Below are some exercises to practice your SQL skills and help explore the data. You will need to explore the table schemas to complete these exercises. 

You may find it helpful to click on the corresponding .csv files to inspect the data, or look at the columns in each table in the right sidebar.

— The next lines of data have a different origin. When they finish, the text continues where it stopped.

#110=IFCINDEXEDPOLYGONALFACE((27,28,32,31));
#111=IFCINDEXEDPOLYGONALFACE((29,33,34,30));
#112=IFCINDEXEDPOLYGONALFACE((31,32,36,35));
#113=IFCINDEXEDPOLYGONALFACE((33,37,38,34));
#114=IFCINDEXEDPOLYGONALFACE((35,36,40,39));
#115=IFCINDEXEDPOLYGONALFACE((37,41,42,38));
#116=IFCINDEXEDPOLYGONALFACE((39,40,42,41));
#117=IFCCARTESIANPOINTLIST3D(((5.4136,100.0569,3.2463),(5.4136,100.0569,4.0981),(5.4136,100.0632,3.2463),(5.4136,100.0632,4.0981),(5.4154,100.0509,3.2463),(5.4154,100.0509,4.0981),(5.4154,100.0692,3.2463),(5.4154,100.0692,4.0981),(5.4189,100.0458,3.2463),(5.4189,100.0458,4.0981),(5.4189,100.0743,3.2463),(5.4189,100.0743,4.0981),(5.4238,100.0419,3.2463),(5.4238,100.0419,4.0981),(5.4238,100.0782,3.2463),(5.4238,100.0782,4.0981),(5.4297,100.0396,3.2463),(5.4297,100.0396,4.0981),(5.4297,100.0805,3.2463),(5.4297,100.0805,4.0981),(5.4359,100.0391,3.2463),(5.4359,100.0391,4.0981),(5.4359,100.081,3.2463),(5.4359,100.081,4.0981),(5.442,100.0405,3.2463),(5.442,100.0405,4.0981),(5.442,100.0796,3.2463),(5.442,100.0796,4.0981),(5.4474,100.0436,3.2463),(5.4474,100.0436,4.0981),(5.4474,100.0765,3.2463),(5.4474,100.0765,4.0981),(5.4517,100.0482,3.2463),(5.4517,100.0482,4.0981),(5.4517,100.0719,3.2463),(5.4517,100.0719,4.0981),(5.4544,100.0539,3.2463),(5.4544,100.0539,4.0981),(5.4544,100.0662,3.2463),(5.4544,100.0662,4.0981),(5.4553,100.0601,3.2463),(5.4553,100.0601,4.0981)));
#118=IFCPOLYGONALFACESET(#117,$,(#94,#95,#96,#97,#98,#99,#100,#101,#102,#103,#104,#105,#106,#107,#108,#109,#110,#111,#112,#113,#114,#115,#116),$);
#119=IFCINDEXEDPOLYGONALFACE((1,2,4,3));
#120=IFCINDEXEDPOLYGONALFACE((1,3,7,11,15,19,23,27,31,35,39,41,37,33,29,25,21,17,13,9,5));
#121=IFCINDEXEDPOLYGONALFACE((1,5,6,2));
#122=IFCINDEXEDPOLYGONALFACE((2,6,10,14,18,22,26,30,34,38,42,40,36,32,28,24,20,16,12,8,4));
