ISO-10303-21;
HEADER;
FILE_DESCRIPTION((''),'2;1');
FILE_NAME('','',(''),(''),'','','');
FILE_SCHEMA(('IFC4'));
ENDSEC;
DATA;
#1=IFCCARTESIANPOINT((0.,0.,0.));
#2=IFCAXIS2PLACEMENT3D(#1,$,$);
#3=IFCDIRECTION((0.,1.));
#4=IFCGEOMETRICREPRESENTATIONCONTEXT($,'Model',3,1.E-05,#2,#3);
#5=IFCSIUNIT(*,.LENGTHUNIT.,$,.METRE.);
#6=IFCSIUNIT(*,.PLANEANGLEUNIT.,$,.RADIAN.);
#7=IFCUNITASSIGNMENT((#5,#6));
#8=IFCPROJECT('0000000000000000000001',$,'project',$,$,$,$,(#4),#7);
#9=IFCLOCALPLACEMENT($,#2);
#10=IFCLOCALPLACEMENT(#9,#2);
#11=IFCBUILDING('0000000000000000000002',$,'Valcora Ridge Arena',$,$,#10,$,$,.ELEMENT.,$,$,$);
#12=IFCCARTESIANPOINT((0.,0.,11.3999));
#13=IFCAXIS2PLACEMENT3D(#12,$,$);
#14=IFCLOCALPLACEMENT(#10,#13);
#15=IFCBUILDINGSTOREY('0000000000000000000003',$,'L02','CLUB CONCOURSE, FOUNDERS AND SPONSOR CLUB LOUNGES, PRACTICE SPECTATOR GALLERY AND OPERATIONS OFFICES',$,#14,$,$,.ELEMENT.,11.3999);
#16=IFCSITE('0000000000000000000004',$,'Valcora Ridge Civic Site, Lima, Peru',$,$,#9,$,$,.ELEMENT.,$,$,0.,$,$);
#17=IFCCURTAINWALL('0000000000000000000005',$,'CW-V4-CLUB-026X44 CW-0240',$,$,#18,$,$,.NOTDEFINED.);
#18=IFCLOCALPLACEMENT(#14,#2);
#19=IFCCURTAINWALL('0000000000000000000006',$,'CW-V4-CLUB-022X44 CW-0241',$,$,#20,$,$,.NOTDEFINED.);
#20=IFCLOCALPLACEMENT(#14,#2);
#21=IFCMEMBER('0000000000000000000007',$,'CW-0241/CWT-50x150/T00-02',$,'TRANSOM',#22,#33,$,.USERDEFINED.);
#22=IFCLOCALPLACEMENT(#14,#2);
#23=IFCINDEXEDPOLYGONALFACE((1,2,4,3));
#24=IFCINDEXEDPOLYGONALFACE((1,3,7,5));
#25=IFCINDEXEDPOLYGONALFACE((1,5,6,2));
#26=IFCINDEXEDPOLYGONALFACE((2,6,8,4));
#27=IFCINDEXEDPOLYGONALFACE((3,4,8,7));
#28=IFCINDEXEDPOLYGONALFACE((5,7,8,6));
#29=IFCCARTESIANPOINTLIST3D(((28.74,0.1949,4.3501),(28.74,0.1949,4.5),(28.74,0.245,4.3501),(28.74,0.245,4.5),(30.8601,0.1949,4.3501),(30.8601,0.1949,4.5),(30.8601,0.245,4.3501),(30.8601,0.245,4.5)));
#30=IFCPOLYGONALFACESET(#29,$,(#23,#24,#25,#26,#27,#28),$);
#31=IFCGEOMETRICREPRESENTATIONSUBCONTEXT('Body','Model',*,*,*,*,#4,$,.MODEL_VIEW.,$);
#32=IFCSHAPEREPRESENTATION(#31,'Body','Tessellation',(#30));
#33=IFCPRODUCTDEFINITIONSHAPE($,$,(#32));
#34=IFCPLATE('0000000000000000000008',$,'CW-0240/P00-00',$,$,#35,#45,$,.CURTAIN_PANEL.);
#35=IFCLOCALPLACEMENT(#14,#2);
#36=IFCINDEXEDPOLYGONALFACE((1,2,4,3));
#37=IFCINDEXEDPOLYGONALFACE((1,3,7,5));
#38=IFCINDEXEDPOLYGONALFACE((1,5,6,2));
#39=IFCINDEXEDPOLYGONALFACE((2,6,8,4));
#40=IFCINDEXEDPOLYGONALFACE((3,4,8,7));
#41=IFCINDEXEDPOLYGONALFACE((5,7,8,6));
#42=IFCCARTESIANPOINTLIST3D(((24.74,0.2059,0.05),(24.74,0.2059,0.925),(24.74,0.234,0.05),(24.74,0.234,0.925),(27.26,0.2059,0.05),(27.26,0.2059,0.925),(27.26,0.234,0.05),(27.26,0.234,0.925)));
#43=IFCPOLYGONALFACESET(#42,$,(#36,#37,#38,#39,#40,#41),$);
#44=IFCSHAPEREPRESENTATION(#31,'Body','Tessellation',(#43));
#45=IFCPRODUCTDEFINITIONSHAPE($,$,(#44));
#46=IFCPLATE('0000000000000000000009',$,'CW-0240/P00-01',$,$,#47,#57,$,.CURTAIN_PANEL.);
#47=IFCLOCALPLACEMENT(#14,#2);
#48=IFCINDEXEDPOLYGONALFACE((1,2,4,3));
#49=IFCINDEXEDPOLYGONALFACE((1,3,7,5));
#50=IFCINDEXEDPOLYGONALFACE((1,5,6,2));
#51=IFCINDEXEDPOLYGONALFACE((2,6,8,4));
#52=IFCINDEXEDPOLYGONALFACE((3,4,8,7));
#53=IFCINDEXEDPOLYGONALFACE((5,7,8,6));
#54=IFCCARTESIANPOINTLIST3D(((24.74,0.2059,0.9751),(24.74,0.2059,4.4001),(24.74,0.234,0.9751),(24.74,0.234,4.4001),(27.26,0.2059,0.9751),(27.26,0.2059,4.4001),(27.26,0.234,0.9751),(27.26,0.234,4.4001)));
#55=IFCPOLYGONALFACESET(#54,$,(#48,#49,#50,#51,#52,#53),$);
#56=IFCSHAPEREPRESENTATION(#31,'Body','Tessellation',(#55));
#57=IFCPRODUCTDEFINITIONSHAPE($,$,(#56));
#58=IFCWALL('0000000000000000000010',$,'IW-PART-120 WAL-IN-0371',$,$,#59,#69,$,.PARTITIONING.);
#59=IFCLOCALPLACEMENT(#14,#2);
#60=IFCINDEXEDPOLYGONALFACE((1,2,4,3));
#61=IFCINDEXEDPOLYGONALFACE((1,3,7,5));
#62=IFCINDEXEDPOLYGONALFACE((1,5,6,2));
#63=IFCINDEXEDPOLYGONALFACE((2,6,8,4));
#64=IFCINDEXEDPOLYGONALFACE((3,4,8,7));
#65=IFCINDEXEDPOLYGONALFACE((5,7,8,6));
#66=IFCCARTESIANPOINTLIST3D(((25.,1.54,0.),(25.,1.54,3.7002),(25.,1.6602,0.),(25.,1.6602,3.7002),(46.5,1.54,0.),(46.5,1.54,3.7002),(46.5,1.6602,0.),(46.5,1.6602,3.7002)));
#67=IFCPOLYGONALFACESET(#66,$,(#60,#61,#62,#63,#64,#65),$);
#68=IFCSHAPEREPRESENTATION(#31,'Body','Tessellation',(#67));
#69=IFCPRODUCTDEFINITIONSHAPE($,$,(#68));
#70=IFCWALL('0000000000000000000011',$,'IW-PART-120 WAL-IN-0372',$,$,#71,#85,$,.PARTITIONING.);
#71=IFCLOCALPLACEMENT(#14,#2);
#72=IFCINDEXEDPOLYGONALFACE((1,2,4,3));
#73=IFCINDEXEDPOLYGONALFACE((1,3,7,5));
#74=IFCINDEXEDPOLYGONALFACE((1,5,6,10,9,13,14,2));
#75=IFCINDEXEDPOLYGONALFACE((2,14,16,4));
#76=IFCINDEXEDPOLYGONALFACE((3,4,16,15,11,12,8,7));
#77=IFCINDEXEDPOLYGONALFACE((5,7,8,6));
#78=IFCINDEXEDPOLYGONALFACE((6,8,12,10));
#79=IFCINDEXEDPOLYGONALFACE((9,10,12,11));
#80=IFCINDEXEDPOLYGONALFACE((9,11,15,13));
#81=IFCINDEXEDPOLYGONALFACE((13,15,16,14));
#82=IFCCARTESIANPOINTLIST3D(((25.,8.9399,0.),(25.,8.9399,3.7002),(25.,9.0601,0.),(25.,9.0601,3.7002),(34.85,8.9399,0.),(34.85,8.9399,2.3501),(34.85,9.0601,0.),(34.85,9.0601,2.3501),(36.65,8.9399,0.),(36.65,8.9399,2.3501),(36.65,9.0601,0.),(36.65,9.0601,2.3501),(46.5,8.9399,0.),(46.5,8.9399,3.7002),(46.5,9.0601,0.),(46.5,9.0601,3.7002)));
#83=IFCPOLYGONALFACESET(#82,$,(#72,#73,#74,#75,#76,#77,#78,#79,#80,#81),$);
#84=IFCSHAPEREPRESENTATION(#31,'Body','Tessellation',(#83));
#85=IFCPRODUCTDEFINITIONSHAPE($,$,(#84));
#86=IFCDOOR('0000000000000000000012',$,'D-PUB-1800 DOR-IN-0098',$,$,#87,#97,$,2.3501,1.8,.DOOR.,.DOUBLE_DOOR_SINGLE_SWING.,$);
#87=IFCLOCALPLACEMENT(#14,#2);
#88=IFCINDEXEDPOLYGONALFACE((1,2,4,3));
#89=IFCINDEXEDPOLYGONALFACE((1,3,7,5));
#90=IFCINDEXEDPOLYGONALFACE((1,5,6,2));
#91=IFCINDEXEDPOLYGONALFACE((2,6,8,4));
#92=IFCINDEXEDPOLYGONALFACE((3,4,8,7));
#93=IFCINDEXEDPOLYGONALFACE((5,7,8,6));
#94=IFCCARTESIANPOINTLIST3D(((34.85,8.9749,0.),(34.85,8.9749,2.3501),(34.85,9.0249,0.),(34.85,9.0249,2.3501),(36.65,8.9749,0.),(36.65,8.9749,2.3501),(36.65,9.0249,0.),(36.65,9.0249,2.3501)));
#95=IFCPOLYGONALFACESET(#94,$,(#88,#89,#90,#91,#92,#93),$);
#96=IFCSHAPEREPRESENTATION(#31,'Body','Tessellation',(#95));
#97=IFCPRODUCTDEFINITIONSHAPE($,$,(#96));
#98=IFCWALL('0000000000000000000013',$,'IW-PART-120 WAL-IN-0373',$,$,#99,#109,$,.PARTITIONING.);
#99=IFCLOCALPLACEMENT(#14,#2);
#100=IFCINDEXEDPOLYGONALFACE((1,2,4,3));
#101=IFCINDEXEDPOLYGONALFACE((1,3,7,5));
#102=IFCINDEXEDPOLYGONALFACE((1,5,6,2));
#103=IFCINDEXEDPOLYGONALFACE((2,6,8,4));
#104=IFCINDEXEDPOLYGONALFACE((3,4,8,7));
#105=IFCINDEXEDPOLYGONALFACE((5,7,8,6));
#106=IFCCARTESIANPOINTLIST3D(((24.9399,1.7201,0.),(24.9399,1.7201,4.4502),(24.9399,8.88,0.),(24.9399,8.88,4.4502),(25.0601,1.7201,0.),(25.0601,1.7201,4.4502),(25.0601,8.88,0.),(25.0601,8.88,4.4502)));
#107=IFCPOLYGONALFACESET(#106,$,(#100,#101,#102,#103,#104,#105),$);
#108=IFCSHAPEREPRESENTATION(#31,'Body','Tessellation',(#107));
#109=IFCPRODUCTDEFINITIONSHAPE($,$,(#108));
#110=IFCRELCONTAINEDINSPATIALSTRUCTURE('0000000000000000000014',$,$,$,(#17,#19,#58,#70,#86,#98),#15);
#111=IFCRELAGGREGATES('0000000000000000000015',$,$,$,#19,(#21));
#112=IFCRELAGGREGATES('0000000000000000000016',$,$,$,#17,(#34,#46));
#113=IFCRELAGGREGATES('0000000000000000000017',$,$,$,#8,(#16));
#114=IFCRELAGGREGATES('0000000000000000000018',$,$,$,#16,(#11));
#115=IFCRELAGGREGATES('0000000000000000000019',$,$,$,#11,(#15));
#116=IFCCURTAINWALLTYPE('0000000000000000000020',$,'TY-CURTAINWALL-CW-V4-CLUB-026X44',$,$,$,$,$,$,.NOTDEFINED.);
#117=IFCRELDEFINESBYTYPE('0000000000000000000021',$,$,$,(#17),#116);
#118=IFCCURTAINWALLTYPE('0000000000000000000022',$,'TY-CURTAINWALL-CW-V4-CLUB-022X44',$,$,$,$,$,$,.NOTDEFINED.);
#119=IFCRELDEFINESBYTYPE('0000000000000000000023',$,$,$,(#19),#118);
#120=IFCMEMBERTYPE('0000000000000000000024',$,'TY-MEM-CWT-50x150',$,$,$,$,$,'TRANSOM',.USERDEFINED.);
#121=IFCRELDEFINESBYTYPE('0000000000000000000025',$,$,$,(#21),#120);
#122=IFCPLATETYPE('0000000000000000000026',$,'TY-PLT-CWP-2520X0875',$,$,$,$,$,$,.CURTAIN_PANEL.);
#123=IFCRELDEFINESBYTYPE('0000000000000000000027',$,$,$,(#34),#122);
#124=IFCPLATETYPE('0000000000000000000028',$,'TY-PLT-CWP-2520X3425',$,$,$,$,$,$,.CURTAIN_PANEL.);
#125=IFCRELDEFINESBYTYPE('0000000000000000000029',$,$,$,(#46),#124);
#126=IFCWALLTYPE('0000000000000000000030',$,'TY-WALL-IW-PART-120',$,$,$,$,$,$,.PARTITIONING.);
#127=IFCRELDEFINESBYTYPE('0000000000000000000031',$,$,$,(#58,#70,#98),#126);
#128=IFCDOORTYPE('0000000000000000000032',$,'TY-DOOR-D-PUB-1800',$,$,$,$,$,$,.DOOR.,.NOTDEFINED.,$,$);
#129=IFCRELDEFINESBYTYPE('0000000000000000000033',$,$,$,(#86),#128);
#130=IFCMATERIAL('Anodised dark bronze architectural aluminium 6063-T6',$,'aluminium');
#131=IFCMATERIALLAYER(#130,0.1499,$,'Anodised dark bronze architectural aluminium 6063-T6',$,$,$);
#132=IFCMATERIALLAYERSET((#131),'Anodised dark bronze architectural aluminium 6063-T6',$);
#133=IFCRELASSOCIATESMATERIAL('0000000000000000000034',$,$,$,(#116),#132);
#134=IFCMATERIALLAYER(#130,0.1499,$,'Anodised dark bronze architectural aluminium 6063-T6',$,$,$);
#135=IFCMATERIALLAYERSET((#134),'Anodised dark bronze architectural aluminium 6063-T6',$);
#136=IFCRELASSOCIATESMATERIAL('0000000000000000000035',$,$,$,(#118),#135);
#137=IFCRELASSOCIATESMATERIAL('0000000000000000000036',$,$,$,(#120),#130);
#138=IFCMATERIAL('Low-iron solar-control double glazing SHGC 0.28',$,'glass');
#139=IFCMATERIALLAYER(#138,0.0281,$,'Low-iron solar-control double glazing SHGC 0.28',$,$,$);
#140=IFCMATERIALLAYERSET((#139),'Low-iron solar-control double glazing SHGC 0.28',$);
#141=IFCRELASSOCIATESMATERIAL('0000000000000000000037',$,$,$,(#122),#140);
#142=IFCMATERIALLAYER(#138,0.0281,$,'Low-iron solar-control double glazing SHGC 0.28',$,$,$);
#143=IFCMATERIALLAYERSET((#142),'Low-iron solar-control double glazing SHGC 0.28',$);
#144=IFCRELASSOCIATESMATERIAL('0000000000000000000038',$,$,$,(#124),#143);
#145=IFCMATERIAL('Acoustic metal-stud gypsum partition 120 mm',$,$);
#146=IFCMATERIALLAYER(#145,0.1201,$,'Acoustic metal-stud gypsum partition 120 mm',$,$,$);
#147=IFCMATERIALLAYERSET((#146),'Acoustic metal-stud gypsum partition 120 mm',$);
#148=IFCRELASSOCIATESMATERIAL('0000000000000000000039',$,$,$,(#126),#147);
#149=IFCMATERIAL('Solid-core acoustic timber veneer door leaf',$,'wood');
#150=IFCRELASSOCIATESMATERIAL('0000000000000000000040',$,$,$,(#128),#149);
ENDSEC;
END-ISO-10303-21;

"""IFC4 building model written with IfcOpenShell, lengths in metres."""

from ifc_helpers import new_model, si_unit, direction, frame, frame_2d, origin, origin_2d, place, context, subcontext, project, spatial, rectangle, extrude, material, layer, layer_set, material_profile, profile_set, type_object, element, fill, aggregate, save


model = new_model("IFC4")

# Units and contexts
model_context = context("Model", 3, precision=1e-05, world=origin(), true_north=direction((0.0, 1.0)))
body_context = subcontext(model_context, "Body", "Model", "MODEL_VIEW")
ifc_project = project(units=[si_unit("LENGTHUNIT", "METRE"), si_unit("PLANEANGLEUNIT", "RADIAN")], contexts=[model_context])

# Site, building, storey
site_placement = place(None, origin())
site = spatial("IfcSite", under=ifc_project, at=site_placement, Name="Valcora Ridge Civic Site, Lima, Peru", CompositionType="ELEMENT", RefElevation=0.0)
building_placement = place(site_placement, origin())
building = spatial("IfcBuilding", under=site, at=building_placement, Name="Valcora Ridge Arena", CompositionType="ELEMENT")
storey_placement = place(building_placement, frame((0.0, 0.0, 11.3999)))
storey = spatial("IfcBuildingStorey", under=building, at=storey_placement, Name="L02", Description="CLUB CONCOURSE, FOUNDERS AND SPONSOR CLUB LOUNGES, PRACTICE SPECTATOR GALLERY AND OPERATIONS OFFICES", CompositionType="ELEMENT", Elevation=11.3999)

### Exercise 1: Create a table showing the number of listings in each neighborhood

<details>
    <summary><b><u>Click Here for Answer Code</u></b></summary>
    
```sql
    SELECT neighbourhood, COUNT(*)
    FROM listings
    GROUP BY neighbourhood
```   
</details>

### Exercise 2: Create a table showing the 20 listings with the most reviews

<details>
    <summary><b><u>Click Here for Answer Code</u></b></summary>

```sql
    SELECT *
    FROM listings
    ORDER BY number_of_reviews DESC
    LIMIT 20
```
</details>

### Exercise 3: Create a table showing all of the reviews for listings that are "Bed & Breakfast" property types.

<details>
    <summary><b><u>Click Here for Answer Code</u></b></summary>

```sql    
    SELECT *
    FROM reviews
    INNER JOIN listings
        ON listings.id = reviews.listing_id
    WHERE listings.property_type = "Bed & Breakfast"
```
</details>

### Exercise 4: Run your own query using a subquery or CTE.

Note that the syntax and functionality for subqueries and CTEs in data.world are more limited than SQLite, so try creating simple ones.